Accessibility - the art (and almost-standard) of making webpages accessible to the vision-impaired as well as others.
- Augmented Accessibility: Initial page is fully accessible, then it is augmented with javascript to make it more usable.
- Example: load all expandable sections fully expanded, and then run javascript onload that contracts them.
- Why this is good: in the event of no javascript, the page is still entirely visible. Also doesn’t require too much extra development. Generally the easiest of all options to implement—generally.
- Why this is bad: potential flicker. More javascript code required in the app. Javascript is notoriously difficult to debug.
- Gracefully Degraded Accessibility: Initial page is more usable, with accessibility fall backs when javascript is absent.
- Example: load the sections contracted.
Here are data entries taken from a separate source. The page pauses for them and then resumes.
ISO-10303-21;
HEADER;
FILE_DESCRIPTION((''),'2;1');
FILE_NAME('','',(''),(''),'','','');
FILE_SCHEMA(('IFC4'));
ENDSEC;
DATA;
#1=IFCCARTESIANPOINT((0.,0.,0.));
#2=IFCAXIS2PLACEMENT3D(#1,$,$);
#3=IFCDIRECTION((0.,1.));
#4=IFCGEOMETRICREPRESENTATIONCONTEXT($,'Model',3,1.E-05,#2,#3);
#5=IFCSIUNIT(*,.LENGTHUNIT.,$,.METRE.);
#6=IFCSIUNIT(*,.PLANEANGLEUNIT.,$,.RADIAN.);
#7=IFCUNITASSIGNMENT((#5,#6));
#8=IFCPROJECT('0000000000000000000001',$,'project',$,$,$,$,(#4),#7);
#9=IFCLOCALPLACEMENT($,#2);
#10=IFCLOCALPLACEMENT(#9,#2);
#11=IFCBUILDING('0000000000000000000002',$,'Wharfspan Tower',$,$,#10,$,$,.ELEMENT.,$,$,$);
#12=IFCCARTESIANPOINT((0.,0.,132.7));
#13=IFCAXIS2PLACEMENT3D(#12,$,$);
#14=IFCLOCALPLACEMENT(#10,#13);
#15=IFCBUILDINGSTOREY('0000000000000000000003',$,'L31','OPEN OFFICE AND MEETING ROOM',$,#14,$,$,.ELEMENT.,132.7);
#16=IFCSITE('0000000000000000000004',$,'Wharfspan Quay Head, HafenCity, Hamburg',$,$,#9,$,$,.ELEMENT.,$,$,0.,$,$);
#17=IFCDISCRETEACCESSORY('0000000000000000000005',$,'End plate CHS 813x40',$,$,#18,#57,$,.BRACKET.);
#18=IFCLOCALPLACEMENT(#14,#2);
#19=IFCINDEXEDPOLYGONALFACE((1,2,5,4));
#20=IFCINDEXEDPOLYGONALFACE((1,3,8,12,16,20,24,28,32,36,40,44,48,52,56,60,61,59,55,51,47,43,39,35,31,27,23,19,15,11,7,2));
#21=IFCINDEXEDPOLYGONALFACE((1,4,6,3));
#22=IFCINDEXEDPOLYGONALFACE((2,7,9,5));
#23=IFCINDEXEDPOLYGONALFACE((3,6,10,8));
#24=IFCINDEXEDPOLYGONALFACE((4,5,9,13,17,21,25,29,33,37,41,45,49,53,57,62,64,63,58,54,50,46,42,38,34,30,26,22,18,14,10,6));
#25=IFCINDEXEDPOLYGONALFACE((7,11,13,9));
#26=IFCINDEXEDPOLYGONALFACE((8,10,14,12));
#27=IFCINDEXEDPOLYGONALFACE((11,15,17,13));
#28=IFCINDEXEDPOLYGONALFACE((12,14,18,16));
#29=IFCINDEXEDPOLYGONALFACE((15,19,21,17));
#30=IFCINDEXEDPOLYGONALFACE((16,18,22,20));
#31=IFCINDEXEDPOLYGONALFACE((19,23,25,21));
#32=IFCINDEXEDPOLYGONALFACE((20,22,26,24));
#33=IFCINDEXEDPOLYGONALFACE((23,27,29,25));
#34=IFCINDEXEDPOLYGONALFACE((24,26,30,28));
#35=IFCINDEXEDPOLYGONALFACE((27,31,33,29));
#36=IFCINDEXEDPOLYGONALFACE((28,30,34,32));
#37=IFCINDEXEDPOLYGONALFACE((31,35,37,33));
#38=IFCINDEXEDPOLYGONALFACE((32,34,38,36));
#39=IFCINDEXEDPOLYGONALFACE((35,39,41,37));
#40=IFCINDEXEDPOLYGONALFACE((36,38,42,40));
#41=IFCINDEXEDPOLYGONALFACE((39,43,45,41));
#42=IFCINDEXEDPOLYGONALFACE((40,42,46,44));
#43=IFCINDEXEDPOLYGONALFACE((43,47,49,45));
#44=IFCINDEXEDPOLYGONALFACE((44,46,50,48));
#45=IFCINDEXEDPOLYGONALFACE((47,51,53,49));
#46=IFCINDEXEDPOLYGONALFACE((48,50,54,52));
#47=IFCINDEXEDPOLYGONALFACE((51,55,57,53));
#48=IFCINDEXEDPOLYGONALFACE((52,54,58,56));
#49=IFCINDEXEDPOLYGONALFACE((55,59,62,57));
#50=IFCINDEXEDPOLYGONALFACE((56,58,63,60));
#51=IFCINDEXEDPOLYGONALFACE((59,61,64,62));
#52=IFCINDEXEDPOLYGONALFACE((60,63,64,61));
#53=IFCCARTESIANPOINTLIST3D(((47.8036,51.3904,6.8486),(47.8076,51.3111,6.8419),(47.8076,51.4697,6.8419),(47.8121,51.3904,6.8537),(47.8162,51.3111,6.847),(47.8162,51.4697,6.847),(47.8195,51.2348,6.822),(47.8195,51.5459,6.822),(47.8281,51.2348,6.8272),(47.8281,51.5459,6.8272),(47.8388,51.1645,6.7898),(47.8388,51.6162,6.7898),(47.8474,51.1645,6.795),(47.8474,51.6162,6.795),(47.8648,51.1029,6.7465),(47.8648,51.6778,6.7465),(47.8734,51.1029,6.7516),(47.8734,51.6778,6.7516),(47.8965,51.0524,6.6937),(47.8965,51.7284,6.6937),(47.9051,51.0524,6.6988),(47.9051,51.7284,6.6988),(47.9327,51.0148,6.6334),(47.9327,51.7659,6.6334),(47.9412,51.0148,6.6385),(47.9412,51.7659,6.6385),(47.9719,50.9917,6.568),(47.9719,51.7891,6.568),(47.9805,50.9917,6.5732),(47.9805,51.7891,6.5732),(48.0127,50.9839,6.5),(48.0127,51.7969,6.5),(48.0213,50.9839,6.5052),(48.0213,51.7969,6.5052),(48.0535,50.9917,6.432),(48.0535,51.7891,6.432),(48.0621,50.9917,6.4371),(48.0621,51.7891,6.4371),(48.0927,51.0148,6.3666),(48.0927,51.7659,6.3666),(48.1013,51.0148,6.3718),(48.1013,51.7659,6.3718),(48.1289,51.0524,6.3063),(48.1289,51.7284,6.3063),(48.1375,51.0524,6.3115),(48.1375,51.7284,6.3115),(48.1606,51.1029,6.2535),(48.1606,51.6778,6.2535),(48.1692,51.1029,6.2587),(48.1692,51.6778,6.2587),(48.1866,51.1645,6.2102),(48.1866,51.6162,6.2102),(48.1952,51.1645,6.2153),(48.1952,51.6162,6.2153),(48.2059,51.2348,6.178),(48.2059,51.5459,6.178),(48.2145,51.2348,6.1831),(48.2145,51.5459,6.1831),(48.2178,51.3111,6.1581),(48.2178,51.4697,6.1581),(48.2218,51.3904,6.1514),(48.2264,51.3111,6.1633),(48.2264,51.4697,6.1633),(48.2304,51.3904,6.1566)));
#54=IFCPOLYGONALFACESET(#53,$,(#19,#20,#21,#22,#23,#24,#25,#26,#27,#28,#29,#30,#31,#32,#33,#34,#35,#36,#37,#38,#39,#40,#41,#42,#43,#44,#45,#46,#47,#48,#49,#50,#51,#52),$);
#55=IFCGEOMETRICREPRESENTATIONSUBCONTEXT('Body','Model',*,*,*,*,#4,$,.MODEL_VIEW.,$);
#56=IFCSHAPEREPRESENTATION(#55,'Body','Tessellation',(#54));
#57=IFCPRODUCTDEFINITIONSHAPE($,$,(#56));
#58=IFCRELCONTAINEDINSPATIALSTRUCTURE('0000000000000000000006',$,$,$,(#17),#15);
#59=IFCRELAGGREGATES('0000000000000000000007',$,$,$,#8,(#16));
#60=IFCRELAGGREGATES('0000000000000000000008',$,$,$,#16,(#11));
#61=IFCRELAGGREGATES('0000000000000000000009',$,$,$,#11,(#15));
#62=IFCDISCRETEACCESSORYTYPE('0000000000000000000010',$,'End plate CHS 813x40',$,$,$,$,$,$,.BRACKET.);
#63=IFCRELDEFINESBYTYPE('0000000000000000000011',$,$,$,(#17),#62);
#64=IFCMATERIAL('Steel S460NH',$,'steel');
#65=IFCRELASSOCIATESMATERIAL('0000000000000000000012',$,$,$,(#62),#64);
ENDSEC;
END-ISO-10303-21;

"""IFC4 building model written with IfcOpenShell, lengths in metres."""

from ifc_helpers import new_model, si_unit, direction, frame, origin, origin_2d, place, context, subcontext, project, spatial, circle, extrude, material, material_profile, profile_set, type_object, element, save


model = new_model("IFC4")

# Units and contexts
model_context = context("Model", 3, precision=1e-05, world=origin(), true_north=direction((0.0, 1.0)))
body_context = subcontext(model_context, "Body", "Model", "MODEL_VIEW")
ifc_project = project(units=[si_unit("LENGTHUNIT", "METRE"), si_unit("PLANEANGLEUNIT", "RADIAN")], contexts=[model_context])

# Site, building, storey
site_placement = place(None, origin())
site = spatial("IfcSite", under=ifc_project, at=site_placement, Name="Wharfspan Quay Head, HafenCity, Hamburg", CompositionType="ELEMENT", RefElevation=0.0)
building_placement = place(site_placement, origin())
building = spatial("IfcBuilding", under=site, at=building_placement, Name="Wharfspan Tower", CompositionType="ELEMENT")
storey_placement = place(building_placement, frame((0.0, 0.0, 132.7)))
storey = spatial("IfcBuildingStorey", under=building, at=storey_placement, Name="L31", Description="OPEN OFFICE AND MEETING ROOM", CompositionType="ELEMENT", Elevation=132.7)

# Shared definitions
ifc_material_1 = material(Name="Steel S460NH", Category="steel")

# Discrete accessory
ifc_material_profile_1 = material_profile(ifc_material_1, circle(Radius=0.4065, at=origin_2d()))
ifc_profile_set_1 = profile_set([ifc_material_profile_1], Name="Steel S460NH")
discrete_accessory_type = type_object("IfcDiscreteAccessoryType", Name="End plate CHS 813x40", PredefinedType="BRACKET", material=ifc_profile_set_1)
for number, where, z_axis, x_axis, name in (
    (1, (48.0127, 51.3904, 6.5), (0.857493, 0.0, 0.514496), (0.0, 1.0, 0.0), "End plate CHS 813x40"),
):
    element("IfcDiscreteAccessory", number, at=place(storey_placement, frame(where, z_axis=z_axis, x_axis=x_axis)), inside=storey, type_object=discrete_accessory_type, Name=name, PredefinedType="BRACKET", context=body_context, shape_type="SweptSolid", body=[
        extrude(circle(Radius=0.4065, at=origin_2d()), origin(), (0.0, 0.0, 1.0), 0.01),
    ])

save(model, "model.ifc")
The javascript-based links to expand the sections have a backup URL, in the event of no javascript, that reloads the page from the server with the selected section (or all sections) expanded.
- Why this is good: the usable page loads guaranteed without any flicker, we only accommodate the javascript-disabled crowd in the rare extremity that they exist.
- Why this is bad: more development time.
- Informed Accessibility: Initial page is more usable, unless a server flag indicates accessibility-compliance, and then the page conforms primarily to accessibility demands and only secondly to usability concerns.
- Example: loads all sections contracted. If a flag on the server is set, then all the sections are loaded expanded.
- Why this is good: doesn’t require too much extra dev time, and every user gets what is suited to him/her.
- Why this is bad: there are all kinds of dilemmas about how/when one sets this flag. My personal favorite is a ‘Simplified HTML’ option on the site that allows people to specify they want something not so flashy, but with all the information/functionality. (ie. Something Accessible.)